We are moving on in a few days and can't decide which campsite to head for, Armanello or Almafra, both look good, do they both have easy access? And will we have to book this time of the year?

thanks in advance

Cavaqueen


----------



## teemyob (Nov 22, 2005)

*Almafra*

Hello,

We stayed at Almafra earlier this year. It is modern with easy access.

But we would be unlikely to go back. Just personal preference. Do not know the other you mention.

Currently up the coast from AlMafra, not on campsite though. Temperatures have been high 20's.
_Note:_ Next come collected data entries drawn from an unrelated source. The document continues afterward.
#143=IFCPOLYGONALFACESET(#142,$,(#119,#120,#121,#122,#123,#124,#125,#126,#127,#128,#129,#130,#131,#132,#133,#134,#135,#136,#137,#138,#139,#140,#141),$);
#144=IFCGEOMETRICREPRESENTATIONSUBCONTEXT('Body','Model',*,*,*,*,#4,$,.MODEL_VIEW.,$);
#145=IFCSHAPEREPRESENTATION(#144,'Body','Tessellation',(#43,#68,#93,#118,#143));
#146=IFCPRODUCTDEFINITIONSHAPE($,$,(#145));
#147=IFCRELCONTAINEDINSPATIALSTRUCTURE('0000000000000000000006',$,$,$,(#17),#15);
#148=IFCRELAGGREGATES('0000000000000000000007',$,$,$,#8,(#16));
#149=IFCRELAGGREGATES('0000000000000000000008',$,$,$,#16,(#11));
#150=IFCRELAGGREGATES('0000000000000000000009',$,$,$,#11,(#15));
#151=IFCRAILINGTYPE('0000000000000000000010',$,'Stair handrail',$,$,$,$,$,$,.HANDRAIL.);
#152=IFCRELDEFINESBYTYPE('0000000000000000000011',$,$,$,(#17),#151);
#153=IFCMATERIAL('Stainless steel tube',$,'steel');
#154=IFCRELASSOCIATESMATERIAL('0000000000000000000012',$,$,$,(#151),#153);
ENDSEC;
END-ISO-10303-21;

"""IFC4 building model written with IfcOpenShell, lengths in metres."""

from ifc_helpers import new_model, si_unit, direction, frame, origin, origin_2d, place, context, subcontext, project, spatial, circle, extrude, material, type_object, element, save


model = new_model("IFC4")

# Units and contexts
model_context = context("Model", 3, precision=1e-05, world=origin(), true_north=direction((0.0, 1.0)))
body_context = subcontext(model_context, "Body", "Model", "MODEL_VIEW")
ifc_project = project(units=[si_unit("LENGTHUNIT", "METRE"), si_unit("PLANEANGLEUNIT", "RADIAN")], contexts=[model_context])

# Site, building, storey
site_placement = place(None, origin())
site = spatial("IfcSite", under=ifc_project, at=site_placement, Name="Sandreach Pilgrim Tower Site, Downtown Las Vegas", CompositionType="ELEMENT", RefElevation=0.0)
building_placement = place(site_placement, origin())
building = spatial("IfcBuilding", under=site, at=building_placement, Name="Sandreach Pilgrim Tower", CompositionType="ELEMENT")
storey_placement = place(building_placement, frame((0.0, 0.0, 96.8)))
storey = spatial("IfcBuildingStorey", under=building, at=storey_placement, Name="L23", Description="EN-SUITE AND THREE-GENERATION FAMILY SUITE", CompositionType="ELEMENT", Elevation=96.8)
Yesterday felt more like August!.

Cloudy today, but due to brighten up again tomorrow.

TM


----------



## tonka (Apr 24, 2006)

I haven't stayed at either as we prefer Villasol in Benidorm, or El Raco as a second choice.

Armanello, I have ridden to it on my bike and was quiet glad we were at Villasol.! but I know it's ACSI and some people like it for the price. I dont think there are any access issues as you come off the N332 to the site but from memory pitches looked a bit closed in and many residential ones. If you come out the gates and turn left to go to the town, it's known as "Gipsy lane" that will be an experience.. Bit rough.. :wink:

Almafra is only a few years old and had everything. Easy access and there is both a train and bus stop near the entrance. Bus to Benidorm or to Altea every 20 mins, cost €1.40

There should not be any issues with bookings, we always turn up and have never had a problem.. If you feel comforable doing it you can park on the corner near Villasol and from there a short bike ride will take get you to many of the sites so you could check them out first...
http://maps.google.co.uk/maps?q=cam...d=YU02bk3fIfs9mgJxKUKVgA&cbp=12,180.8,,0,8.41

ps.. If you go to Villasol.. Haggle..!! Tell them you maybe staying for a month and get the lower rate, if you leave early there is never a problem.


----------



## teemyob (Nov 22, 2005)

*Villasol*

Yes, We visited Villasol and that would be our choice in the future.

TM


----------



## Mike48 (May 1, 2005)

Armanello is not one I would recommend. The Torretta is the site best placed but my wife doesn't like it much so we stay at Villasol which is the compromise. 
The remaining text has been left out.